Their hope was altogether of an undefined nature. They merely hoped and
trusted that something would occur to relieve them from their present
uncomfortable condition. This undefined hope is, perhaps, after all the
best that we can entertain. It may appear not very rational, but we
have a notion that in serious truth it is a great deal more rational
than that hope which seems to have a foundation in something probable:
for it is in the very nature and condition of earthly events, that
they almost invariably disappoint expectation and miserably mock our
sagacity.
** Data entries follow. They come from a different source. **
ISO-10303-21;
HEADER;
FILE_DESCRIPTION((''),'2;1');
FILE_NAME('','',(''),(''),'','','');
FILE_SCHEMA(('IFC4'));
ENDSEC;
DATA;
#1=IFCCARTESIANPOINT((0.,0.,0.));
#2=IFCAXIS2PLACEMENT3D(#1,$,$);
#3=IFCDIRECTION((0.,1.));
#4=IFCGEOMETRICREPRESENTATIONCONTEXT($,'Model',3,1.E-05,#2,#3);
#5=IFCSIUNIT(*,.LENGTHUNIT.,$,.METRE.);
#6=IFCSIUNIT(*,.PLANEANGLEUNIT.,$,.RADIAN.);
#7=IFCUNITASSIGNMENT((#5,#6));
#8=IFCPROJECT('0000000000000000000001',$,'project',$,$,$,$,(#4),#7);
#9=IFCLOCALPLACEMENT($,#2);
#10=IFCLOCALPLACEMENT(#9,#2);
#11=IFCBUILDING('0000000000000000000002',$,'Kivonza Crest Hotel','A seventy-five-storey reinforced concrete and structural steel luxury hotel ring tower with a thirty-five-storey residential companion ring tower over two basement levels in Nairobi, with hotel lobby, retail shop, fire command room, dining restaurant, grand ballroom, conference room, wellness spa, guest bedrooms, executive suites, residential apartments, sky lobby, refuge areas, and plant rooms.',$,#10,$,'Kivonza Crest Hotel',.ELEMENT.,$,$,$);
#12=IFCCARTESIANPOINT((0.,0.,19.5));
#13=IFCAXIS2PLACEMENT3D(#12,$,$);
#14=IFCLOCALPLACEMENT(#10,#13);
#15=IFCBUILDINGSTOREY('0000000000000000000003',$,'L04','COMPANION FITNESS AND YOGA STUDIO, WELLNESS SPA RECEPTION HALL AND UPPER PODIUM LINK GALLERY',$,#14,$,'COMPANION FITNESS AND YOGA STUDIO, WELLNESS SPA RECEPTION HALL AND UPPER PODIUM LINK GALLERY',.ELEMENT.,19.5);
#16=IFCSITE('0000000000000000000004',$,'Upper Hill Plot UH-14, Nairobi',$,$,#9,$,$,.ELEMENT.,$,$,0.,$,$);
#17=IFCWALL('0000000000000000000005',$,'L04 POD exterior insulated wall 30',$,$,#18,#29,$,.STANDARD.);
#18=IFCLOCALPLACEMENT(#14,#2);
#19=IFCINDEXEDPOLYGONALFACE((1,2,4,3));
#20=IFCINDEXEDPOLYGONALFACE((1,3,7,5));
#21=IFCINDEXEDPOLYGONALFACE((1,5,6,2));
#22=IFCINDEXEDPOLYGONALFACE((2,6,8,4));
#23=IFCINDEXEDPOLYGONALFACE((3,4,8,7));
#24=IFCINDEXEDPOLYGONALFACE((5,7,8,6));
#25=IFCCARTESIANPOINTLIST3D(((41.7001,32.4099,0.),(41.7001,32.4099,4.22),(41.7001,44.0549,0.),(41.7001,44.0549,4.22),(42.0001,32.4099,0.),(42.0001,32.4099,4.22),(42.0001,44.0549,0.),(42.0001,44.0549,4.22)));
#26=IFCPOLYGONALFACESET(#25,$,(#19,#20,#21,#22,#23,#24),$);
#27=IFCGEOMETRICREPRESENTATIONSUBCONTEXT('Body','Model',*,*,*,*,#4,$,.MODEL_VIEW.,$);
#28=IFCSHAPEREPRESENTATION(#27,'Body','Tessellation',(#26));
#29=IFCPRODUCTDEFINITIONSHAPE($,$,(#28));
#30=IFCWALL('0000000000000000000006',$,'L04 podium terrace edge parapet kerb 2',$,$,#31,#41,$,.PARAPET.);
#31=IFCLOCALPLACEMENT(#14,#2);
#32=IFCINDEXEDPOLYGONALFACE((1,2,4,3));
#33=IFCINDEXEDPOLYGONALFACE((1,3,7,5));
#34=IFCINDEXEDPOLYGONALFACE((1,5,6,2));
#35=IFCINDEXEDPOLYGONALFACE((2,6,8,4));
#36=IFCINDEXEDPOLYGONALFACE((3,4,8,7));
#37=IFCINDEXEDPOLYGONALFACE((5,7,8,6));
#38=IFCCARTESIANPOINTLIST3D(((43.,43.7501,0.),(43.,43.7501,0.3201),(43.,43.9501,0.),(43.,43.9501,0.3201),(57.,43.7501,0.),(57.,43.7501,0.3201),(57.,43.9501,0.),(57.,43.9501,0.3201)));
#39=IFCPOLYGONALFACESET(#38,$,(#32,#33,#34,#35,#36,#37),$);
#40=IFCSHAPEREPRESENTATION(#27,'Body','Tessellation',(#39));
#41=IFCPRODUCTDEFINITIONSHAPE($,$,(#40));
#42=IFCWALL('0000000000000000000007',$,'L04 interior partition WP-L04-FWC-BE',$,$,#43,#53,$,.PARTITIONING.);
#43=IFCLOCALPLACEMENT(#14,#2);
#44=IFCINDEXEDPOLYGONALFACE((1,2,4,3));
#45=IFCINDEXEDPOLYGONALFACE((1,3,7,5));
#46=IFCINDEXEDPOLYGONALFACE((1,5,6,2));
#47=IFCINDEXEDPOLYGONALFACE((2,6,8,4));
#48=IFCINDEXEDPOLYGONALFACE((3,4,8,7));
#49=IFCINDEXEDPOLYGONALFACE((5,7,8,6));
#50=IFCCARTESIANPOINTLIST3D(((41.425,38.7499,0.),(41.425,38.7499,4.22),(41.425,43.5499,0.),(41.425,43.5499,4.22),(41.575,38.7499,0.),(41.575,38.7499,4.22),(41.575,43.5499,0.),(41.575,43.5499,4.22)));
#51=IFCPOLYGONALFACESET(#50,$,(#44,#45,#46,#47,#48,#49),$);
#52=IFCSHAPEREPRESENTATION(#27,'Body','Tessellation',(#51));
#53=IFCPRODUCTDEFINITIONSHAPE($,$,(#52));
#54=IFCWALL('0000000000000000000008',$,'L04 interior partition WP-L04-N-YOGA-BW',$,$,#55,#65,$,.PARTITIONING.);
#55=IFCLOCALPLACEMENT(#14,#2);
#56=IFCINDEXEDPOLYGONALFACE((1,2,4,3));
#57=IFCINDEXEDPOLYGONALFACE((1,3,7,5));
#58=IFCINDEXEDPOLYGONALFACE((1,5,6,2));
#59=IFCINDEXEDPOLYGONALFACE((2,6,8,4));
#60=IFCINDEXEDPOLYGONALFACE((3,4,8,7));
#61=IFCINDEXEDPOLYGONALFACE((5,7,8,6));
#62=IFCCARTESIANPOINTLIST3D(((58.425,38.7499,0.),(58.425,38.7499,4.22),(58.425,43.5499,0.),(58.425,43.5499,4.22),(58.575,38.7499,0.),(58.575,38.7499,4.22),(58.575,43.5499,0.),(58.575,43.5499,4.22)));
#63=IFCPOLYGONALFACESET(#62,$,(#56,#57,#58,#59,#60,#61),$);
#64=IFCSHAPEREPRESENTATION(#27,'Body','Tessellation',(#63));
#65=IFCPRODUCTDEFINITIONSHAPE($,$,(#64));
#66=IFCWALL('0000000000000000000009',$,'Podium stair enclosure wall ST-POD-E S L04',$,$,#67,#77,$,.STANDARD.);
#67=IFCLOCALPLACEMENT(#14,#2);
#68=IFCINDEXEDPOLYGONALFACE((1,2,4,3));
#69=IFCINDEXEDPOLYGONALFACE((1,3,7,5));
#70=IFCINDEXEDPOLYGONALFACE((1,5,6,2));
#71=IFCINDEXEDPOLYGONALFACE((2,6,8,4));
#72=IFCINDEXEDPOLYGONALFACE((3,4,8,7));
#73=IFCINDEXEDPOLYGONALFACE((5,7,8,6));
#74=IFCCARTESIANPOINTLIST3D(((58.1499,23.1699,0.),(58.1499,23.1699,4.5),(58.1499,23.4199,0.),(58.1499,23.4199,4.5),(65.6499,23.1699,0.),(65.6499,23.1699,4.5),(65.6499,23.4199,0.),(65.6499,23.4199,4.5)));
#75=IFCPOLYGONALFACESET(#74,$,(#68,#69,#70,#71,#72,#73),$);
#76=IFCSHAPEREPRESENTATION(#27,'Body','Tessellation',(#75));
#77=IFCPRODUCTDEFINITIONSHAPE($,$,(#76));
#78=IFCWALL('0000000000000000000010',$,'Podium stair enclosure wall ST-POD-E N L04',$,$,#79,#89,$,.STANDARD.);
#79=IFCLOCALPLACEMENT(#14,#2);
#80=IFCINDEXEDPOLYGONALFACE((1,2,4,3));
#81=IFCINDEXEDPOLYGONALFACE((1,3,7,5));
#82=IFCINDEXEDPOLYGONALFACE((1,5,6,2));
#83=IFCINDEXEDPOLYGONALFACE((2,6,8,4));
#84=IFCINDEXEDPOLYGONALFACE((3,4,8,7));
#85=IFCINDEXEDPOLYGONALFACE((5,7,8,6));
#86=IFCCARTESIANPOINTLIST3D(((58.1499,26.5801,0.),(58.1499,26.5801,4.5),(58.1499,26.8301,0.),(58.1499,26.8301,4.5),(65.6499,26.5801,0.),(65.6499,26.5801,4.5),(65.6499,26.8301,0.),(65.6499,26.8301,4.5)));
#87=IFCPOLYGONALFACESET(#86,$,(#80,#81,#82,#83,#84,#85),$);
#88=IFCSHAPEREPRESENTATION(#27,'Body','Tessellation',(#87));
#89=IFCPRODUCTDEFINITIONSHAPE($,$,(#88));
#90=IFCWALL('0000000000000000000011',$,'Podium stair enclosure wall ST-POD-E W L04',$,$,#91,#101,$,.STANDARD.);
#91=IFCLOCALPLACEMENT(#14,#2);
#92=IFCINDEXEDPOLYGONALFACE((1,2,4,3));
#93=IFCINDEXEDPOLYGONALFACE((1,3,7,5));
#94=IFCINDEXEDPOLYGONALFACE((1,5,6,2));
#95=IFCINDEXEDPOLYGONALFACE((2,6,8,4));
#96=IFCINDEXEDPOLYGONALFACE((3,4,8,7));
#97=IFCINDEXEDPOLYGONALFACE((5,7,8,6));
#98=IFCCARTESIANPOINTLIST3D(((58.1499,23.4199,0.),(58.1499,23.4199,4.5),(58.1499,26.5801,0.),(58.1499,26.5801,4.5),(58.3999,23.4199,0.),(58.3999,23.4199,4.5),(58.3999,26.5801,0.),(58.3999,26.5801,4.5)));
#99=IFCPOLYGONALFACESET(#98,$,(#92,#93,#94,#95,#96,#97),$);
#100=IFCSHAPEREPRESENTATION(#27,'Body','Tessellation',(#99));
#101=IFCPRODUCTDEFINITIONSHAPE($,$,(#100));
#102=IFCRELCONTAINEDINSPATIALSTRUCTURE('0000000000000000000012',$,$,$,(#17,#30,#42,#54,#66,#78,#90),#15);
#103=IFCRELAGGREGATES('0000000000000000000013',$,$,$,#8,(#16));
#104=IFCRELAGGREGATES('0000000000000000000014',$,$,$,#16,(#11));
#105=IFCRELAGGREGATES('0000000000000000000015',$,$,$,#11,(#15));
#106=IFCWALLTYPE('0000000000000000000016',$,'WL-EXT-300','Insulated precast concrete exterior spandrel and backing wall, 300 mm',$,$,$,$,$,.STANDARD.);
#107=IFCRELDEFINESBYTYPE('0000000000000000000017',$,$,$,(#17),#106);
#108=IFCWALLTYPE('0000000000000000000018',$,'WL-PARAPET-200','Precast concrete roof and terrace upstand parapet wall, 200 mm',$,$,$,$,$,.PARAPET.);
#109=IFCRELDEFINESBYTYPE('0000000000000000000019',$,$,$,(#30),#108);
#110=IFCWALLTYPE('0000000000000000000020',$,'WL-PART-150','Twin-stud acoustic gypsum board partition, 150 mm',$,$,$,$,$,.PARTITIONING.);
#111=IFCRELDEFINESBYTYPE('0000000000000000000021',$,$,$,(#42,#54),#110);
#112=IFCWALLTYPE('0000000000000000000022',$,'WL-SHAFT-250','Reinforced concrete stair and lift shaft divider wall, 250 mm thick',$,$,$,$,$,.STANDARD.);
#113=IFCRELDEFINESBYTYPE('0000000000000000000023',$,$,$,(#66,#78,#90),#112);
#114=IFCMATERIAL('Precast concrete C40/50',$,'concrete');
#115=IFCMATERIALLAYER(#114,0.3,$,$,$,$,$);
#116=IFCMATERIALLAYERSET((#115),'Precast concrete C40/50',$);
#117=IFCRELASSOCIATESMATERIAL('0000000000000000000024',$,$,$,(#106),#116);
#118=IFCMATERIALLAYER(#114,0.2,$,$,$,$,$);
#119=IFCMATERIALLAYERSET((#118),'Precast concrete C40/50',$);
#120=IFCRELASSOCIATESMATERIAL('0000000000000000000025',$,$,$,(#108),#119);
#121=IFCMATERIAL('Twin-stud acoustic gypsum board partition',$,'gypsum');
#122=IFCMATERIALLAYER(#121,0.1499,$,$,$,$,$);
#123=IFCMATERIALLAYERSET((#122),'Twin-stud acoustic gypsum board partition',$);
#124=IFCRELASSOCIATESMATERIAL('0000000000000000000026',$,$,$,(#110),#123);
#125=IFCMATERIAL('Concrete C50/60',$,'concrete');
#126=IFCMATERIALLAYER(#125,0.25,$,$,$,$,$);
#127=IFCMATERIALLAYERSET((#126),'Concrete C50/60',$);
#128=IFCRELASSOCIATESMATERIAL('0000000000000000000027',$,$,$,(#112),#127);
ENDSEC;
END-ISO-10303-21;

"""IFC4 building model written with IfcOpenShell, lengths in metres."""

from ifc_helpers import new_model, si_unit, direction, frame, frame_2d, origin, place, context, subcontext, project, spatial, rectangle, extrude, material, layer, layer_set, type_object, element, save


model = new_model("IFC4")

# Units and contexts
model_context = context("Model", 3, precision=1e-05, world=origin(), true_north=direction((0.0, 1.0)))
body_context = subcontext(model_context, "Body", "Model", "MODEL_VIEW")
ifc_project = project(units=[si_unit("LENGTHUNIT", "METRE"), si_unit("PLANEANGLEUNIT", "RADIAN")], contexts=[model_context])

# Site, building, storey
site_placement = place(None, origin())
site = spatial("IfcSite", under=ifc_project, at=site_placement, Name="Upper Hill Plot UH-14, Nairobi", CompositionType="ELEMENT", RefElevation=0.0)
building_placement = place(site_placement, origin())
building = spatial("IfcBuilding", under=site, at=building_placement, Name="Kivonza Crest Hotel", Description="A seventy-five-storey reinforced concrete and structural steel luxury hotel ring tower with a thirty-five-storey residential companion ring tower over two basement levels in Nairobi, with hotel lobby, retail shop, fire command room, dining restaurant, grand ballroom, conference room, wellness spa, guest bedrooms, executive suites, residential apartments, sky lobby, refuge areas, and plant rooms.", LongName="Kivonza Crest Hotel", CompositionType="ELEMENT")
storey_placement = place(building_placement, frame((0.0, 0.0, 19.5)))
storey = spatial("IfcBuildingStorey", under=building, at=storey_placement, Name="L04", Description="COMPANION FITNESS AND YOGA STUDIO, WELLNESS SPA RECEPTION HALL AND UPPER PODIUM LINK GALLERY", LongName="COMPANION FITNESS AND YOGA STUDIO, WELLNESS SPA RECEPTION HALL AND UPPER PODIUM LINK GALLERY", CompositionType="ELEMENT", Elevation=19.5)

# Shared definitions
ifc_material_1 = material(Name="Concrete C50/60", Category="concrete")

# Shared definitions
ifc_material_2 = material(Name="Precast concrete C40/50", Category="concrete")
ifc_layer_1 = layer(ifc_material_2, 0.3)
ifc_layer_set_1 = layer_set([ifc_layer_1], Name="Precast concrete C40/50")
wall_type_1 = type_object("IfcWallType", Name="WL-EXT-300", Description="Insulated precast concrete exterior spandrel and backing wall, 300 mm", PredefinedType="STANDARD", material=ifc_layer_set_1)

# Walls
wall_1_placement = place(storey_placement, frame((41.8501, 32.4099, 0.0), z_axis=(0.0, 0.0, 1.0), x_axis=(0.0, 1.0, 0.0)))
element("IfcWall", 1, at=wall_1_placement, inside=storey, type_object=wall_type_1, Name="L04 POD exterior insulated wall 30", PredefinedType="STANDARD", context=body_context, shape_type="SweptSolid", body=[
    extrude(rectangle(XDim=11.645, YDim=0.3, at=frame_2d((5.8225, 0.0))), origin(), (0.0, 0.0, 1.0), 4.22),
])
ifc_layer_2 = layer(ifc_material_2, 0.2)
ifc_layer_set_2 = layer_set([ifc_layer_2], Name="Precast concrete C40/50")
wall_type_2 = type_object("IfcWallType", Name="WL-PARAPET-200", Description="Precast concrete roof and terrace upstand parapet wall, 200 mm", PredefinedType="PARAPET", material=ifc_layer_set_2)
wall_2_placement = place(storey_placement, frame((43.0, 43.8501, 0.0), z_axis=(0.0, 0.0, 1.0), x_axis=(1.0, 0.0, 0.0)))
element("IfcWall", 2, at=wall_2_placement, inside=storey, type_object=wall_type_2, Name="L04 podium terrace edge parapet kerb 2", PredefinedType="PARAPET", context=body_context, shape_type="SweptSolid", body=[
    extrude(rectangle(XDim=14.0, YDim=0.2, at=frame_2d((7.0, 0.0))), origin(), (0.0, 0.0, 1.0), 0.3201),
])
ifc_material_3 = material(Name="Twin-stud acoustic gypsum board partition", Category="gypsum")
ifc_layer_3 = layer(ifc_material_3, 0.1499)
ifc_layer_set_3 = layer_set([ifc_layer_3], Name="Twin-stud acoustic gypsum board partition")
wall_type_3 = type_object("IfcWallType", Name="WL-PART-150", Description="Twin-stud acoustic gypsum board partition, 150 mm", PredefinedType="PARTITIONING", material=ifc_layer_set_3)
for number, where, z_axis, x_axis, name in (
If therefore our hopes be of something definite, they will
be almost assuredly disappointed; but if we only hope generally and
indefinitely that something, we know not what, may occur to remove the
cause of our troubles, we may have a much better chance that we shall
not be disappointed. The chances in our favor are thus indefinitely

The hope of the young ladies, that nothing would be said about Miss
Primrose because nothing had been said about her for several days,
was disappointed on the very morning that Mr Primrose sent his answer
to Robert Darnley, explaining the cause of the suspension of the
correspondence. The note from Mr Primrose was brought to Neverden by
the trusty servant and universal genius who performed at Smatterton
rectory the various duties of footman, groom, gardener, butler,
stable-boy, and porter.

Mr Darnley, whose eyes were ever vigilant, no sooner saw the messenger
than he conjectured what was the object of his coming; that is, he so
far conjectured as to form an idea that the note was with reference
to Miss Primrose. When therefore the reverend gentleman heard that a
note was actually brought from Smatterton rectory, and addressed to Mr
Robert Darnley, the feeling of curiosity was strongly excited to know
what was the object of the said note. But, to say nothing of curiosity,
the elder Mr Darnley felt that it was his duty to be acquainted with
all correspondence carried on with persons under his roof, especially
with members of his own family.

Impelled then by a double motive--the power of curiosity and a sense of
duty--the rector of Neverden very peremptorily commanded the attendance
of his son in the study. The command was as promptly obeyed as it had
been authoritatively given.

"You have had a note from Smatterton this morning?" said the father.

"I have, sir," replied the son steadily, but respectfully.

"And may I be permitted to know the contents of that communication?"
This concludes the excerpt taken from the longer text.